Essa modalidade envolve diferentes agentes do setor elétrico:

  • Geradores – Responsáveis pela produção da energia elétrica;
  • Comercializadores – Realizam a compra e venda da energia;
  • Consumidores livres e especiais – Empresas e unidades consumidoras habilitadas a contratar energia no ACL;
  • Distribuidoras – Responsáveis pela operação e manutenção das redes de distribuição; e
  • Câmara de Comercialização de Energia Elétrica – Entidade responsável pelo registro dos contratos e pela contabilização e liquidação das operações de mercado.

Quando os consumidores de baixa tensão poderão migrar?

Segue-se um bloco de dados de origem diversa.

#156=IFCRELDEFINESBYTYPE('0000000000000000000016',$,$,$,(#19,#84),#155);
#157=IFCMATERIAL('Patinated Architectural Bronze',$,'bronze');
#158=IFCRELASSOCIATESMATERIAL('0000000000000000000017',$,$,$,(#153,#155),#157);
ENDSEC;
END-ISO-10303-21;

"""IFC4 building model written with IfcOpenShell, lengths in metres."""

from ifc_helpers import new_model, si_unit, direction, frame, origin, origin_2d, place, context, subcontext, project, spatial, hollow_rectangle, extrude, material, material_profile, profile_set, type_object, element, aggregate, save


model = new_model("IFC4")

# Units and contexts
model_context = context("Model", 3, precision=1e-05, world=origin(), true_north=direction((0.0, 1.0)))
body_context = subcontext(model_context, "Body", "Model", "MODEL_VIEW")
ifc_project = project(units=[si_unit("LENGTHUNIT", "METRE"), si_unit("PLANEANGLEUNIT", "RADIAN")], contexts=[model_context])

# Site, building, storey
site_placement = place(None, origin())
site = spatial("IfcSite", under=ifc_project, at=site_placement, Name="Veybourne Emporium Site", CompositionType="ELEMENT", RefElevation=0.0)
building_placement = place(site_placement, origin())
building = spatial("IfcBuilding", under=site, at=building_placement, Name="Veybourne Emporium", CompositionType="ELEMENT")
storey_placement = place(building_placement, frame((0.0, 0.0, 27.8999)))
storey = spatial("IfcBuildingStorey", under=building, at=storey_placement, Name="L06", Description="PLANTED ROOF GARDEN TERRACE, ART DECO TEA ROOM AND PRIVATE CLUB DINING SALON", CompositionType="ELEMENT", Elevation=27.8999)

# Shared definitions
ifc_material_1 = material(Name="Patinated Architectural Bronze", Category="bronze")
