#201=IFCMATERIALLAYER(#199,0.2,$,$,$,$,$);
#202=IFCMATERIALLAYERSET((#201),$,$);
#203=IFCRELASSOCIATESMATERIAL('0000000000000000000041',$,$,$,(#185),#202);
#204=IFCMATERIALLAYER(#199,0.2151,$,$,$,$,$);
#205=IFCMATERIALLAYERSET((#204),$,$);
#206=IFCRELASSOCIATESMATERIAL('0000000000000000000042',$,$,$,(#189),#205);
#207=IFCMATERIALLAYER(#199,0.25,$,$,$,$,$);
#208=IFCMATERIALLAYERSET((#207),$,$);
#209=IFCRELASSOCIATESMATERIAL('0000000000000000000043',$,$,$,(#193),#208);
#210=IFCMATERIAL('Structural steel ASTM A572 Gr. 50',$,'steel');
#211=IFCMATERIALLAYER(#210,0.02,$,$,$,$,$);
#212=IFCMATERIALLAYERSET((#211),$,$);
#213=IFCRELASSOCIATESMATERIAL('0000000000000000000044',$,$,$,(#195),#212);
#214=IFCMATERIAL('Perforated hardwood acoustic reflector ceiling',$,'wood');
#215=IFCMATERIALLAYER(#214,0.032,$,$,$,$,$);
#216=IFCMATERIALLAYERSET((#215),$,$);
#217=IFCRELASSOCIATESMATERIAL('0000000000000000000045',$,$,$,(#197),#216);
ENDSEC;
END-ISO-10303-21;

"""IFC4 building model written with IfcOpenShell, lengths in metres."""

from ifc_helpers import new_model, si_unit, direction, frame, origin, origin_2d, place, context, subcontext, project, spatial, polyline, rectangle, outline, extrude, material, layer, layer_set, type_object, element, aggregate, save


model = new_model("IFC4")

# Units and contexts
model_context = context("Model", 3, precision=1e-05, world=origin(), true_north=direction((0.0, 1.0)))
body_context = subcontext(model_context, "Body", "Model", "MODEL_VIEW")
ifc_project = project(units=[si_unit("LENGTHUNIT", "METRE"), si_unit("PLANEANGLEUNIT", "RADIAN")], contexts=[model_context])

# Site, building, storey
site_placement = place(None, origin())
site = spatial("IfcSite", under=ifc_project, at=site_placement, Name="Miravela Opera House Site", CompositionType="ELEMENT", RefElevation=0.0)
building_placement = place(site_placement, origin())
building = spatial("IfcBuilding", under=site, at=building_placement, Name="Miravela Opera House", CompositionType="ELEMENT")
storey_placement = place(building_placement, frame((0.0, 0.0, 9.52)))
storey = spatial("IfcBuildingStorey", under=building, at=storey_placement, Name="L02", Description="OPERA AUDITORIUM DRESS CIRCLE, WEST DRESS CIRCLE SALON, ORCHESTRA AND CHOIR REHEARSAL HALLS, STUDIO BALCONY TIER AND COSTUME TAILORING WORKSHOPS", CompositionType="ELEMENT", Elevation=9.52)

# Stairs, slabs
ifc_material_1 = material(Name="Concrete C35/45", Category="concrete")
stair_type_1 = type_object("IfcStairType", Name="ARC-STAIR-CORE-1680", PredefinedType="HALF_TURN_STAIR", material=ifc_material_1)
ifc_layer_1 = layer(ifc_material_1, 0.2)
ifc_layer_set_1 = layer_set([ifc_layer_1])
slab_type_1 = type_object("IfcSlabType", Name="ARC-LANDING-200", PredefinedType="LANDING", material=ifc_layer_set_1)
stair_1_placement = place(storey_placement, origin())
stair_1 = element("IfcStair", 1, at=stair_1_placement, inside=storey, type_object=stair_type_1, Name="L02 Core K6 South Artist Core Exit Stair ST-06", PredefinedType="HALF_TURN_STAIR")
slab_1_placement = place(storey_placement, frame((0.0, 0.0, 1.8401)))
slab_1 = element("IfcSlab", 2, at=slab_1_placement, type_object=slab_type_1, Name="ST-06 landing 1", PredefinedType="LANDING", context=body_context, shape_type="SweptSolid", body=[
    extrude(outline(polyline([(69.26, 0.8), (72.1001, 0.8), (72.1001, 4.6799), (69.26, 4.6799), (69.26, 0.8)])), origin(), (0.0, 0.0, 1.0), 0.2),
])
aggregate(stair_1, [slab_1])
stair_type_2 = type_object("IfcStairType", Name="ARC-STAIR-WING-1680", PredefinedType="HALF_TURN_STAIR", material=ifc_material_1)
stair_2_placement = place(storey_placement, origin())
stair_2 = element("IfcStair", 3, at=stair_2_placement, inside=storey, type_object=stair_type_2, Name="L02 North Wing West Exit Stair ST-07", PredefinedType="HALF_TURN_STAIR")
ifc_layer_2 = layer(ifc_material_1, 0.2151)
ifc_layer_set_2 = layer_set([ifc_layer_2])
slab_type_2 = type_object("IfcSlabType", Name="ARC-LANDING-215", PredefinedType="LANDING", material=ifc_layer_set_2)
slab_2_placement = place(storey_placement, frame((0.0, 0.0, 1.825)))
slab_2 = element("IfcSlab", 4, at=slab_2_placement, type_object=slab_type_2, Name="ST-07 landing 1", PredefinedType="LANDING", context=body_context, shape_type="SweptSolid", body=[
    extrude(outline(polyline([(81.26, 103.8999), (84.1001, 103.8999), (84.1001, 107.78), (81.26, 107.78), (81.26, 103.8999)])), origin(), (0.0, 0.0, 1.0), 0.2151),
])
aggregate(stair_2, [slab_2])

A partir do final de 2027 os consumidores atendidos em baixa tensão (inferior a 2,3 kV), como pequenos estabelecimentos comerciais, propriedades rurais e indústrias de menor porte, hospitais e escolas, poderão exercer o direito de escolha do seu fornecedor de energia, de acordo com o Decreto nº 13.097/2026. Segundo o texto do regulamento, a abertura de mercado ocorrerá nas seguintes datas para esses consumidores: 

  • Em novembro de 2027 – Todos os consumidores industriais e comerciais com qualquer carga e tensão poderão começar a migrar para o mercado livre;
  • Em novembro de 2028 – Para todos os demais consumidores.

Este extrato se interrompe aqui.